Often times, we skip right to the end of this reading, to its resolution where God is faithful to the promise and Isaac is spared, all because Abraham unwaveringly followed God’s lead. But this does a disservice to the type of wrestling with God that naturally flows from a life of discipleship. Perhaps instead this passage is a story about interior freedom. God is calling Abraham to a holy indifference in his relationship with God and the way he lives out his faith. This isn’t an indifference that’s careless or detached from reality, but a recognition that all truly does belong to God, even one’s hopes and deepest desire. Abraham has the interior freedom of gifting back to God the very promise, or holy desire, that God had given him in his old age, trusting that God is always faithful to God’s word. Even as Abraham is about to sacrifice Isaac, his only son, whom he loves, Abraham still responds to God a second time with those three words—“Here I am!” Despite Abraham’s attachment to God’s promise, it’s because of this interior freedom that he is able to hear God call his name. Rather than answering with apprehension or resentment, Abraham still responds in faith as God once again shows him a different path forward. The Lenten season that we are entering is a reminder that “we are dust, and to dust we shall return.” Like Abraham, we are being invited deeper into a holy indifference, into the truth that everything belongs to God.

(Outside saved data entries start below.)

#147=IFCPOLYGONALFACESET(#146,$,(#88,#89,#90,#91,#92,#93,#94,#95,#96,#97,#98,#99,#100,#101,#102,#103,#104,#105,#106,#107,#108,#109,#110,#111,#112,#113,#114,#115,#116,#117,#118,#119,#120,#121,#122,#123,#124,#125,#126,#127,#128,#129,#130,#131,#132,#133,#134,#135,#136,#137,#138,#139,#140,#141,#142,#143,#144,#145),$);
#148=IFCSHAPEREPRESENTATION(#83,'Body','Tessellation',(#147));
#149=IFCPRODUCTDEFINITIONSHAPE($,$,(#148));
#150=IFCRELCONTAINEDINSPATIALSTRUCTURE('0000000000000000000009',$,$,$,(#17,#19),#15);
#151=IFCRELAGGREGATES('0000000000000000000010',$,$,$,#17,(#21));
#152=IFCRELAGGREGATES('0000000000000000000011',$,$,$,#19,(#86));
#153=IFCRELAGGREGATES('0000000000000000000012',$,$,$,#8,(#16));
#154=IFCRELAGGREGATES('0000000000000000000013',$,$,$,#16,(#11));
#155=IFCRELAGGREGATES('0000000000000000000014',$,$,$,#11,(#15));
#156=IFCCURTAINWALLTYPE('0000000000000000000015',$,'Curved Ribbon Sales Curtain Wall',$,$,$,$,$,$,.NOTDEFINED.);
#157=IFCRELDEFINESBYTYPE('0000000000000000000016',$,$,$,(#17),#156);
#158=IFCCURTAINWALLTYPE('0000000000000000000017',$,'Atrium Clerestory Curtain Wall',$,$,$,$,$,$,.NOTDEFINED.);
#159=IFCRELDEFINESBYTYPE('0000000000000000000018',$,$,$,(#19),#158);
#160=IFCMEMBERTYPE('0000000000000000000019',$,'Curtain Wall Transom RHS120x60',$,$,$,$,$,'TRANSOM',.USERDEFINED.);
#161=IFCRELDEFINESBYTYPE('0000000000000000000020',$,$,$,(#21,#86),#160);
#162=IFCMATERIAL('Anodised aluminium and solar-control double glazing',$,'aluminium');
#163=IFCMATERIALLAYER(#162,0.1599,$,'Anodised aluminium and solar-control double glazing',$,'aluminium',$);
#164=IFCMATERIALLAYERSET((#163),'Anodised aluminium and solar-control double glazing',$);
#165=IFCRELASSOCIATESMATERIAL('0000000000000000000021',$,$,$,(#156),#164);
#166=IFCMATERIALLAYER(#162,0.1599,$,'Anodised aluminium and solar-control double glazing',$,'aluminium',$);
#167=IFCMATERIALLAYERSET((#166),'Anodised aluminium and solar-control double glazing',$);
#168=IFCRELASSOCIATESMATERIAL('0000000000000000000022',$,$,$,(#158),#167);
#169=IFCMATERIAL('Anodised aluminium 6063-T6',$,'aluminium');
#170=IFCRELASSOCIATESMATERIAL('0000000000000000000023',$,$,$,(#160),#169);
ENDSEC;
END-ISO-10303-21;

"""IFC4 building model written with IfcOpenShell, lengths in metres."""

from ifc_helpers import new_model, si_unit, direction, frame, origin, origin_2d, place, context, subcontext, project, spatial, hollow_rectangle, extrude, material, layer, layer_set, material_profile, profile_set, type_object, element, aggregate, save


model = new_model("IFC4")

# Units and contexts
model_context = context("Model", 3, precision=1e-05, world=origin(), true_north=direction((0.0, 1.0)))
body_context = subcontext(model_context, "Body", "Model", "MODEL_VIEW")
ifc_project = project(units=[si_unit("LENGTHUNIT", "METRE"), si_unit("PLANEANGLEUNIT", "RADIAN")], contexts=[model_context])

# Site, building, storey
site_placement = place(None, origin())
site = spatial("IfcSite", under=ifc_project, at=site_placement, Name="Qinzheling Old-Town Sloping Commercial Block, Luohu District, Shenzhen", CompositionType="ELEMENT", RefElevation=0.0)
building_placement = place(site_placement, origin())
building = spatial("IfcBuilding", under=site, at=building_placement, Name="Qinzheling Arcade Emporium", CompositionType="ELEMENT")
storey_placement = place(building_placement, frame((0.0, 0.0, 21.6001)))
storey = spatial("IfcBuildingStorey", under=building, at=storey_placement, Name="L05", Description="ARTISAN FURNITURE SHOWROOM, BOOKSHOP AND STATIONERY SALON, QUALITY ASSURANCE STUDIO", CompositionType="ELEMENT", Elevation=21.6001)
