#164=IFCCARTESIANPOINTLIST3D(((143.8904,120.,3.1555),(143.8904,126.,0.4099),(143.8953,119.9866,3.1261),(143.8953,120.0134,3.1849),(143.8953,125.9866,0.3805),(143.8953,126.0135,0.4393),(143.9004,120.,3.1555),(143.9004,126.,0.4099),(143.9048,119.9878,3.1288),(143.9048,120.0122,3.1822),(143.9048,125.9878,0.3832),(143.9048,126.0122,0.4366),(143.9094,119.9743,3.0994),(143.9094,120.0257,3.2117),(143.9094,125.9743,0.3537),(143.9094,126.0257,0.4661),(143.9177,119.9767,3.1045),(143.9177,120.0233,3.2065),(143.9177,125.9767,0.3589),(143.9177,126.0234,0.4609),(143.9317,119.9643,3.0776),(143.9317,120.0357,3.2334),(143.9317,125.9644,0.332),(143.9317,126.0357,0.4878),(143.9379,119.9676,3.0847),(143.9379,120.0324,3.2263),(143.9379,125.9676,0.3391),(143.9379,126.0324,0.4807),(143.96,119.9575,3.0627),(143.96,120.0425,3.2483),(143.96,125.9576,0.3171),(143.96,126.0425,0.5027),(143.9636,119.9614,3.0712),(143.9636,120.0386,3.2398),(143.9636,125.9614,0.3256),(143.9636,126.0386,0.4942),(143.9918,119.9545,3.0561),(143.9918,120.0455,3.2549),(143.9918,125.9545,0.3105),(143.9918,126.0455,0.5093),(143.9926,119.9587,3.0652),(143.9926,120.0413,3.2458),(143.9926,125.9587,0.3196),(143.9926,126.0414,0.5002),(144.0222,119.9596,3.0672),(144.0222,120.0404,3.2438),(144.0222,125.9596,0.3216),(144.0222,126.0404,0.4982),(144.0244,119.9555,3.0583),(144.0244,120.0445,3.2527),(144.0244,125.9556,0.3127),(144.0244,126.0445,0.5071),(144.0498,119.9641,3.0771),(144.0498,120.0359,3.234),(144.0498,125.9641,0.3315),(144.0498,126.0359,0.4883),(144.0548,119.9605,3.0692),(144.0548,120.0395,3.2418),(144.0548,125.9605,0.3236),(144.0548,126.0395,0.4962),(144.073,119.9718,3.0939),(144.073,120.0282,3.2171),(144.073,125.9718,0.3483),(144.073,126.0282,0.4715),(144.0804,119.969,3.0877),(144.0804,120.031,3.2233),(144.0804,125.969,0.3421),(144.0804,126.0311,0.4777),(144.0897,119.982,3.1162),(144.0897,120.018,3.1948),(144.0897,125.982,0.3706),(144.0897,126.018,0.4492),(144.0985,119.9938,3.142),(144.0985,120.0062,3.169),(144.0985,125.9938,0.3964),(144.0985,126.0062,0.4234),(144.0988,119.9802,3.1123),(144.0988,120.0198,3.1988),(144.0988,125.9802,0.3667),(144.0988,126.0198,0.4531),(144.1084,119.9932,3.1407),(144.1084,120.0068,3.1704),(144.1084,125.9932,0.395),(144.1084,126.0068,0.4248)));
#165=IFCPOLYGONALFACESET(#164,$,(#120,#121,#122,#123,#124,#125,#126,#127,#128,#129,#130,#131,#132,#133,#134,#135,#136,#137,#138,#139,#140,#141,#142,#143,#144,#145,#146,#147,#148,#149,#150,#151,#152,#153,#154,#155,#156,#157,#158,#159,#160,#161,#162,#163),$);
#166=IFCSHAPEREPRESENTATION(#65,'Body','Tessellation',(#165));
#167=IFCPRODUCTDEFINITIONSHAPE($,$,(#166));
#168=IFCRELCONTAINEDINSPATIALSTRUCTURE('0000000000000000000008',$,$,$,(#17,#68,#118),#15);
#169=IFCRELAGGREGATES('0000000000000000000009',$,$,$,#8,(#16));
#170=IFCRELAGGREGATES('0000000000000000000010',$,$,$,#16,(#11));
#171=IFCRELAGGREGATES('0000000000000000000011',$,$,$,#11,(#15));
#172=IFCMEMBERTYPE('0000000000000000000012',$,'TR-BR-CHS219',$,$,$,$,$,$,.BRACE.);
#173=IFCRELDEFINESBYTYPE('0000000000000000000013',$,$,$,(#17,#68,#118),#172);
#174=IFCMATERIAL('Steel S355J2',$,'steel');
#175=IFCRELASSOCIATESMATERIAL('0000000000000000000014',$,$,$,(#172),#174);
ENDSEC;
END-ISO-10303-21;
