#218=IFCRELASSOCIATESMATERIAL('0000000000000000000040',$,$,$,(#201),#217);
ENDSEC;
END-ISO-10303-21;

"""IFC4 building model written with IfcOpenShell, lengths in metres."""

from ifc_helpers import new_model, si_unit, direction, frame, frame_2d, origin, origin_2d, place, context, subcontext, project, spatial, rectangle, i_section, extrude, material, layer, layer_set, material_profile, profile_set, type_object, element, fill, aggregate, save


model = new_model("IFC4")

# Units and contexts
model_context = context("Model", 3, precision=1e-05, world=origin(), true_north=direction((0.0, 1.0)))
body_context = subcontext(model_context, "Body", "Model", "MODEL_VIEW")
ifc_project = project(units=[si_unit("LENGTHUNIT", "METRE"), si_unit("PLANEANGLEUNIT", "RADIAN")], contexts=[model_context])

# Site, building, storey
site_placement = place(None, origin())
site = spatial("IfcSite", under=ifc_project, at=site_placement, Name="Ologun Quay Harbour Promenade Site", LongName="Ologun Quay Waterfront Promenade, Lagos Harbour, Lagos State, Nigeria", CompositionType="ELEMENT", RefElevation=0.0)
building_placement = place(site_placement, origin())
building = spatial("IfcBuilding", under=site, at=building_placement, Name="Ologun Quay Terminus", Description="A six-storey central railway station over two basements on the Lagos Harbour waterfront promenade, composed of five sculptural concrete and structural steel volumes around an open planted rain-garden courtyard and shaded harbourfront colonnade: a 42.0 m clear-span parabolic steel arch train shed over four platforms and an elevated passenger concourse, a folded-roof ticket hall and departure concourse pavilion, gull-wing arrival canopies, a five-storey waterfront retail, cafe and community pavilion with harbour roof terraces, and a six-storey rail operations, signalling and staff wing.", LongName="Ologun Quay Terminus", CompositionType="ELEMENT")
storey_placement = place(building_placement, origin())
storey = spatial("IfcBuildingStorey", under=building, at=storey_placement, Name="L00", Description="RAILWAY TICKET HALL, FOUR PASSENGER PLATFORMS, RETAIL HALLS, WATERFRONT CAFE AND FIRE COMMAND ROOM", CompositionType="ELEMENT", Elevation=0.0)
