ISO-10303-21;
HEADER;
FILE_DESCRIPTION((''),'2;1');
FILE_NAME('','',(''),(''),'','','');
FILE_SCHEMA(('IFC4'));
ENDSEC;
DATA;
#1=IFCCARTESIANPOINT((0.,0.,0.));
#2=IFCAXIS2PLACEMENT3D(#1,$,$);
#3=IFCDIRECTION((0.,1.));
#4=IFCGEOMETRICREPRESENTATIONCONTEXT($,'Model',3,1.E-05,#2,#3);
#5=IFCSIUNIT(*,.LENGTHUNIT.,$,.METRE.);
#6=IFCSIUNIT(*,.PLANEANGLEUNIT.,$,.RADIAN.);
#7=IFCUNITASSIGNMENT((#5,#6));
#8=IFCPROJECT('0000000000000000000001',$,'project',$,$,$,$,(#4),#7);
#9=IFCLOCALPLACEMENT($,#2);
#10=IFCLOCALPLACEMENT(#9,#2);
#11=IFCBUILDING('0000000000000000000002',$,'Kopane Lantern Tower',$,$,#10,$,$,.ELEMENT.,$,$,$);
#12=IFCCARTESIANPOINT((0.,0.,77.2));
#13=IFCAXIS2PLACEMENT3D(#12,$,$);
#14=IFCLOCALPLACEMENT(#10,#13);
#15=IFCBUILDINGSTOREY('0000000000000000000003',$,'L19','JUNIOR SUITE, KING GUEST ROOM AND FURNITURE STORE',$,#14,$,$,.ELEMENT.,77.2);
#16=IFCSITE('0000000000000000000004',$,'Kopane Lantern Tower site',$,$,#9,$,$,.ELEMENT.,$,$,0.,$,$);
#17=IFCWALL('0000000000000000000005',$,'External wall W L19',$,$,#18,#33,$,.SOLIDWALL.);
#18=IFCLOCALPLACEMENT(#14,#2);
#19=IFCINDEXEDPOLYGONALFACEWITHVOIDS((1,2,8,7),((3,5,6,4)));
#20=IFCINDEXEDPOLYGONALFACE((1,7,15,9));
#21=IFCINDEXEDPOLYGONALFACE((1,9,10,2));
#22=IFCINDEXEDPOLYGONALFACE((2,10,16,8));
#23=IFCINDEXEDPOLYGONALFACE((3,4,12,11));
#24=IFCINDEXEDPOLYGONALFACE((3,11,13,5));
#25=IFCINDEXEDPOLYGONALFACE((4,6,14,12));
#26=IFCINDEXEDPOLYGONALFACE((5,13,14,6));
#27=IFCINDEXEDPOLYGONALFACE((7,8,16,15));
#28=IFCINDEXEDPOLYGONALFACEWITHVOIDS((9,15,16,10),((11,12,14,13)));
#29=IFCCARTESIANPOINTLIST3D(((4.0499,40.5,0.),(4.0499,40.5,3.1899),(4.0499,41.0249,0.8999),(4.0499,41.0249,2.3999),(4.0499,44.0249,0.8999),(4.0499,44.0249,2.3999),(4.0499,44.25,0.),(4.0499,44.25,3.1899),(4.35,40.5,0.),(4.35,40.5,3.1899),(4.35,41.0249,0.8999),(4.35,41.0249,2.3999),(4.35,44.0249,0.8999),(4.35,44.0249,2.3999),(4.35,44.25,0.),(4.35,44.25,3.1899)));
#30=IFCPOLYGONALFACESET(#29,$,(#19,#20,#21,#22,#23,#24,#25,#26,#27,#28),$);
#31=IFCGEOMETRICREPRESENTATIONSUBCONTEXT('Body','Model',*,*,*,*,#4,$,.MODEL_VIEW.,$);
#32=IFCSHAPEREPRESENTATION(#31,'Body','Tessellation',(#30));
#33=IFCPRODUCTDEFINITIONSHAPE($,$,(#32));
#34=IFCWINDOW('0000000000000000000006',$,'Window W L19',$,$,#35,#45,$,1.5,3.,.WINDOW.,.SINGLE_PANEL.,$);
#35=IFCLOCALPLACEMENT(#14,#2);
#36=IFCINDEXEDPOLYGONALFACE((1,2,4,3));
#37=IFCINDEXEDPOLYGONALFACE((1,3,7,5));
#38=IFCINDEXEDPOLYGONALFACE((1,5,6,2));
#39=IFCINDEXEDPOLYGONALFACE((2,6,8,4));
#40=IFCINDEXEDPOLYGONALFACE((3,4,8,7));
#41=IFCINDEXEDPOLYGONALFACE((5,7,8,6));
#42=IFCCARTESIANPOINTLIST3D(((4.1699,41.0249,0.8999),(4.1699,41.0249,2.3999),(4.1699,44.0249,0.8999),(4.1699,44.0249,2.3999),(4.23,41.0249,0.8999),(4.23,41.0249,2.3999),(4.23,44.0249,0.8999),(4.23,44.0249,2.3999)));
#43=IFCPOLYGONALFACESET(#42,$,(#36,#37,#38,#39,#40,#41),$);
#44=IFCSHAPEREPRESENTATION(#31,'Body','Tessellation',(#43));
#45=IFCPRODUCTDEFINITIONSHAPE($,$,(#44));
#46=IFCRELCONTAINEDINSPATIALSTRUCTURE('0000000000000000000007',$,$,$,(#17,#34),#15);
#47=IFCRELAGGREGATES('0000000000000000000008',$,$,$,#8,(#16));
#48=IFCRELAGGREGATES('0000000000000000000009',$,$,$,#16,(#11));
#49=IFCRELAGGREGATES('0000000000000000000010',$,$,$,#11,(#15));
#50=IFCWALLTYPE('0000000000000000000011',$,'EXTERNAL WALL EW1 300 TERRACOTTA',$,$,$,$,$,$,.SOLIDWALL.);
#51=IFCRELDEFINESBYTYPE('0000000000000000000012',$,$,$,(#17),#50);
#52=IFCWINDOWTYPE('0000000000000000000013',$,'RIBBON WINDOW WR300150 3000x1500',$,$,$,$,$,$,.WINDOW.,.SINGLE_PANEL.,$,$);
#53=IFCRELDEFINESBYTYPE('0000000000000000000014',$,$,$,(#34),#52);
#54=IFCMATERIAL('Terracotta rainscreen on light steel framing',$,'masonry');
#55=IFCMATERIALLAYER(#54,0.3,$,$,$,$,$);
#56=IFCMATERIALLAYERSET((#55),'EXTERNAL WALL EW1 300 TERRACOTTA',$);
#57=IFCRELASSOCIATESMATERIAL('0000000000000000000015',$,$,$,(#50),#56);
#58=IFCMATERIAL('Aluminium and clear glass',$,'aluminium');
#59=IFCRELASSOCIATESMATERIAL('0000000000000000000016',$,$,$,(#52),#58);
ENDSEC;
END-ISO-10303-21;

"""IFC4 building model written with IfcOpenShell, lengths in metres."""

from ifc_helpers import new_model, si_unit, direction, frame, frame_2d, origin, place, context, subcontext, project, spatial, rectangle, extrude, material, layer, layer_set, type_object, element, fill, save


model = new_model("IFC4")

# Units and contexts
model_context = context("Model", 3, precision=1e-05, world=origin(), true_north=direction((0.0, 1.0)))
body_context = subcontext(model_context, "Body", "Model", "MODEL_VIEW")
ifc_project = project(units=[si_unit("LENGTHUNIT", "METRE"), si_unit("PLANEANGLEUNIT", "RADIAN")], contexts=[model_context])

# Site, building, storey
site_placement = place(None, origin())
site = spatial("IfcSite", under=ifc_project, at=site_placement, Name="Kopane Lantern Tower site", CompositionType="ELEMENT", RefElevation=0.0)
building_placement = place(site_placement, origin())
building = spatial("IfcBuilding", under=site, at=building_placement, Name="Kopane Lantern Tower", CompositionType="ELEMENT")
storey_placement = place(building_placement, frame((0.0, 0.0, 77.2)))
storey = spatial("IfcBuildingStorey", under=building, at=storey_placement, Name="L19", Description="JUNIOR SUITE, KING GUEST ROOM AND FURNITURE STORE", CompositionType="ELEMENT", Elevation=77.2)

# Wall, opening, window
ifc_material_1 = material(Name="Terracotta rainscreen on light steel framing", Category="masonry")
ifc_layer_1 = layer(ifc_material_1, 0.3)
ifc_layer_set_1 = layer_set([ifc_layer_1], Name="EXTERNAL WALL EW1 300 TERRACOTTA")
wall_type_1 = type_object("IfcWallType", Name="EXTERNAL WALL EW1 300 TERRACOTTA", PredefinedType="SOLIDWALL", material=ifc_layer_set_1)
wall_1_placement = place(storey_placement, frame((4.2, 44.25, 0.0), z_axis=(0.0, 0.0, 1.0), x_axis=(0.0, -1.0, 0.0)))
wall_1 = element("IfcWall", 1, at=wall_1_placement, inside=storey, type_object=wall_type_1, Name="External wall W L19", PredefinedType="SOLIDWALL", context=body_context, shape_type="SweptSolid", body=[
    extrude(rectangle(XDim=3.75, YDim=0.3, at=frame_2d((1.875, 0.0))), origin(), (0.0, 0.0, 1.0), 3.1899),
])
opening_placement = place(wall_1_placement, frame((0.2251, 0.0, 0.8999)))
opening = element("IfcOpeningElement", 2, at=opening_placement, cuts=wall_1, PredefinedType="OPENING", context=body_context, shape_type="SweptSolid", body=[
    extrude(rectangle(XDim=3.0, YDim=1.5, at=frame_2d((1.5, 0.75))), frame((0.0, 0.1599, 0.0), z_axis=(0.0, -1.0, 0.0), x_axis=(1.0, 0.0, 0.0)), (0.0, 0.0, 1.0), 0.3201),
])
ifc_material_2 = material(Name="Aluminium and clear glass", Category="aluminium")
window_type = type_object("IfcWindowType", Name="RIBBON WINDOW WR300150 3000x1500", PartitioningType="SINGLE_PANEL", PredefinedType="WINDOW", material=ifc_material_2)
window_placement = place(opening_placement, origin())
window = element("IfcWindow", 3, at=window_placement, inside=storey, type_object=window_type, Name="Window W L19", OverallHeight=1.5, OverallWidth=3.0, PartitioningType="SINGLE_PANEL", PredefinedType="WINDOW", context=body_context, shape_type="SweptSolid", body=[
    extrude(rectangle(XDim=3.0, YDim=1.5, at=frame_2d((1.5, 0.75))), frame((0.0, 0.03, 0.0), z_axis=(0.0, -1.0, 0.0), x_axis=(1.0, 0.0, 0.0)), (0.0, 0.0, 1.0), 0.0601),
])
fill(opening, window)

save(model, "model.ifc")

Lent is a time of looking inward, of noticing the ways that our habits and priorities aren’t oriented towards God, towards this call to detachment. A life of discipleship is a life open to allowing God to work through us, even though that sometimes means letting go of good ministries, places, relationships, and personal ambitions. It’s through this holy indifference that God transforms our interior lives in a way that is reflected in how we live. The responsorial psalm reads: “I believed, even when I said, ‘I am greatly afflicted.’ Precious in the eyes of the LORD is the death of his faithful ones. I will walk before the Lord, in the land of the living.” Answering the call to detachment can be difficult, and feel like too big a sacrifice, especially when responding to God means letting go. Again, I can only imagine how Abraham felt. But by dying to ourselves—to any attachments that stand in the way of our loving self-gift back to God—we become free enough to hear the unique, and surprising, ways that God calls us to live our discipleship anew each day.

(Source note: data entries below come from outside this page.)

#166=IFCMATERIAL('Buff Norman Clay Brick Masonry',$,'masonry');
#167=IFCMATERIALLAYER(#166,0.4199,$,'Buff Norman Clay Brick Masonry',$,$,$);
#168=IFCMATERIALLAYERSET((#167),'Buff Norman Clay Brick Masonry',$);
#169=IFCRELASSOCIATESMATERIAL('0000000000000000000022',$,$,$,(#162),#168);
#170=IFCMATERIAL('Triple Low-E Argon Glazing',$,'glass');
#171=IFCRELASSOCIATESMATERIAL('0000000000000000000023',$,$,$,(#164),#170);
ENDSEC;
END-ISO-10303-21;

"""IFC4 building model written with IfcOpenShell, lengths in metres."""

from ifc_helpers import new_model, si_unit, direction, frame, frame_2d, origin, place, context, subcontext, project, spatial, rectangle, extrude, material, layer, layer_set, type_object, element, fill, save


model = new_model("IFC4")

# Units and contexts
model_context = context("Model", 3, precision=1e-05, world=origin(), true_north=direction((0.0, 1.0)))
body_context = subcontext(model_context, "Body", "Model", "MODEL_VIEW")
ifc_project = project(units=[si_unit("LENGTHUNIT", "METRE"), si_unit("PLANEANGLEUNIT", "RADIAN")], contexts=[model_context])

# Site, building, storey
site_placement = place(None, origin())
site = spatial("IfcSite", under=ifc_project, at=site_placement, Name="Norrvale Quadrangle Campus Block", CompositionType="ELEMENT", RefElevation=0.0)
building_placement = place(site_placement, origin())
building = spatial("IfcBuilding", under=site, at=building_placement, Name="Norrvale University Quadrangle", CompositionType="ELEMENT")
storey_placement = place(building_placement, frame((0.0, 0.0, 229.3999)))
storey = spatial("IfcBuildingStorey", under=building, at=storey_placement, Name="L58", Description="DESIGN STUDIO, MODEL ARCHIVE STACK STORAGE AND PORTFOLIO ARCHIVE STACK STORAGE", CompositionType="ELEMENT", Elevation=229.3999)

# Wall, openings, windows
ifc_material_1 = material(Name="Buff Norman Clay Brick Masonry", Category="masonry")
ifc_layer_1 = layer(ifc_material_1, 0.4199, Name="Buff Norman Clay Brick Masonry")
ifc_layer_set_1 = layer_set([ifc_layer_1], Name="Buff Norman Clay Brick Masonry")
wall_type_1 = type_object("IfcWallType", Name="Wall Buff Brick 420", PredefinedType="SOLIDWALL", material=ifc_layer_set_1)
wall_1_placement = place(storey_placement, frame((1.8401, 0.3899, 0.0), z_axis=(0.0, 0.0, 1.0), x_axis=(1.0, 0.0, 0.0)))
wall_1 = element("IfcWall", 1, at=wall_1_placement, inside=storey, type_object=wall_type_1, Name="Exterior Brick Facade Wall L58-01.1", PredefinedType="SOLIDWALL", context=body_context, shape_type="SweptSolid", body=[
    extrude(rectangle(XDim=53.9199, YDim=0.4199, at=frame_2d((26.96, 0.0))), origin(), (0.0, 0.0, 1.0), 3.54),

What attachments do you have that are obstacles to cultivating the interior freedom to which God calls you? What gets in the way of your turning back to God and wholeheartedly responding with Abraham “Here I am”? Success, recognition, security, imposter syndrome, an unwillingness to engage with different opinions? Lent is a time of repentance for the ways we have not responded to God’s call to discipleship with generosity or freedom. It’s only in cultivating a spirit of interior freedom, of asking God for this grace in our daily activities, that we can offer back to God the gift of our lives. And in this process of letting go of our attachments, knowing the cost of discipleship, and still choosing to be faithful, we can better hear God speak to us of our belovedness, of our common belonging in God. This Lenten season, let us examine our interior attachments so that we can freely respond with Abraham, “Here I am,” and allow God to transform our lives.
Salena Ibrahim is earning her Masters of Divinity at Boston College’s School of Theology and Ministry. Her work focuses on theologies of migration and liberation, and preferences a feminist lens. Most recently, she worked as a Graduate Minister in Residential Ministry at Boston College, accompanying residential students and facilitating Jesuit tradition programming. Prior to this, Salena served as a Jesuit Volunteer (’20-21) and Associate University Minister at the University of Detroit Mercy. There, she primarily worked with students involved in faith, service, and justice initiatives. Salena is interested in intersections of faith, migration ministry, and student formation. In her free time, she enjoys exploring new coffee shops and hiking spots. Salena is originally from Chicago, IL where she completed her BSEd in Secondary Education and BA in English at Loyola University.
The second of three volumes from the Catholic Women Preach project of FutureChurch offers homilies for each Sunday and holy days of the liturgical year by Catholic women from around the world. The first volume for Cycle A received awards for best book on Liturgy from both the Association of Catholic Publishers and the Catholic Media Association.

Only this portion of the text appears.